Addictive drugs like cocaine cause MO atrophy and impede MO function in both rodents and humans,
emphasizing the need to fully understand the manner by which the MO coordinates prospective action selection.
 The neurotrophic factor, Brain-Derived Neurotrophic Factor (BDNF), and its high-affinity receptor
tropomyosin receptor kinase B (TrkB) control MO function. BDNF presence in the MO is necessary and sufficient
for mice to appropriately direct behaviors towards rewards of higher value relative to low-value options. Further,
locally overexpressing a truncated isoform of TrkB (TrkB.t1), which acts as a dominant negative, or locally
ablating TrkB occludes value-based action, particularly when potential rewards are unobservable. We
hypothesize that neurotrophin signaling stabilizes neural connections essential to adaptive choice.
 Which neural connections are necessary for choice behavior? We recently discovered that ventral
hippocampal (vHC) inputs to the MO are necessary for value memory updating – and particularly, the integration
of new value information into instrumental response strategies. Meanwhile, projections from the MO to the
basolateral amygdala (BLA) are necessary for value memory retrieval (and not updating). Thus, vHC inputs to
the MO appear to update value memory, while outputs retrieve new memories to execute adaptive action.
 The goals of this proposal are to: (1) determine whether functional vHC-to-MO and MO-to-BLA connections
require TrkB-mediated signal propagation on excitatory MO neurons.
 (2) We will next determine whether MO neurons form stable value memory traces necessary for adaptive
choice, and whether trace formation requires i.) vHC inputs, ii.) TrkB, and iii.) local dendritic spine plasticity.
 (3) The capacity for prospective goal-directed action improves throughout adolescence.
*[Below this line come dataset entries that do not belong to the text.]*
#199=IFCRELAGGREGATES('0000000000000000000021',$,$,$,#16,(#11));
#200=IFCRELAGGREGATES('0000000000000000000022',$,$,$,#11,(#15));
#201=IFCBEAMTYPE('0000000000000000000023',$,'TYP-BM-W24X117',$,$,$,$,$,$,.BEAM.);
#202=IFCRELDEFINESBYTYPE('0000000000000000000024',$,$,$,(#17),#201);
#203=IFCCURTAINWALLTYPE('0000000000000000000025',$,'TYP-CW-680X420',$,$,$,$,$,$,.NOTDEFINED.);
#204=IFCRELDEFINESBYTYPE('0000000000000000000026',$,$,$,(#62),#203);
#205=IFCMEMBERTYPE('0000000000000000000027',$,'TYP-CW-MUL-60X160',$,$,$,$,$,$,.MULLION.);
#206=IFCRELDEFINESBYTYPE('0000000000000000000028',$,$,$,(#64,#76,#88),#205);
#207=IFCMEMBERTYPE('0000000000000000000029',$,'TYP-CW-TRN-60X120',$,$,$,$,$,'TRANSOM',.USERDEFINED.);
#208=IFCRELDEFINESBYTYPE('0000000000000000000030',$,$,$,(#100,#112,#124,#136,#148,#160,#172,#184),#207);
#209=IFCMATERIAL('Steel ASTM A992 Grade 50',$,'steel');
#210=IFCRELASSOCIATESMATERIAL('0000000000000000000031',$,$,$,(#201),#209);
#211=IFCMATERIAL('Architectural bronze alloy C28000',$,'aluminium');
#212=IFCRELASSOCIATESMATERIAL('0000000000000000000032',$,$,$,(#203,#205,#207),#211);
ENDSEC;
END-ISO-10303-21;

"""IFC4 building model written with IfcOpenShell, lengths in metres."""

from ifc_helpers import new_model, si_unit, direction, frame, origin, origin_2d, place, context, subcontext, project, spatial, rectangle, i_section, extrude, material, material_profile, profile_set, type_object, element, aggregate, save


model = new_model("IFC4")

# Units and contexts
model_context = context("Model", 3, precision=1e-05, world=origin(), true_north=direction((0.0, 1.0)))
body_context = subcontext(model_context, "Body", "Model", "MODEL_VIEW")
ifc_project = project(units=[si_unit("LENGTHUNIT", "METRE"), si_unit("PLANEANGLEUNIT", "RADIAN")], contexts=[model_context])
Because of this,
mechanistic insights can be gained by studying adolescent development. We will delineate the adolescent
development of vHC-to-MO projections, the morphological maturation of projection-defined layer V MO neurons,
and the stimulation of TrkB+ MO neurons during decision-making tasks in mice. We will test the hypotheses that
TrkB controls typical development, and that TrkB+ MO neurons are increasingly stimulated during tests of
behavioral flexibility as mice mature, ultimately forming stable memory traces attune...

## Key facts

- **NIH application ID:** 10652720
- **Project number:** 2R01DA044297-06A1
- **Recipient organization:** EMORY UNIVERSITY
- **Principal Investigator:** Shannon Leigh Gourley
- **Activity code:** R01 (R01, R21, SBIR, etc.)
- **Funding institute:** NIH
- **Fiscal year:** 2023
- **Award amount:** $424,673
- **Award type:** 2
- **Project period:** 2018-03-01 → 2028-07-31

## Primary source

NIH RePORTER: https://reporter.nih.gov/project-details/10652720

## Citation

> US National Institutes of Health, RePORTER application 10652720, Neurotrophic and ontogenic factors in medial orbitofrontal cortical function (2R01DA044297-06A1). Retrieved via AI Analytics 2026-05-24 from https://api.ai-analytics.org/grant/nih/10652720. Licensed CC0.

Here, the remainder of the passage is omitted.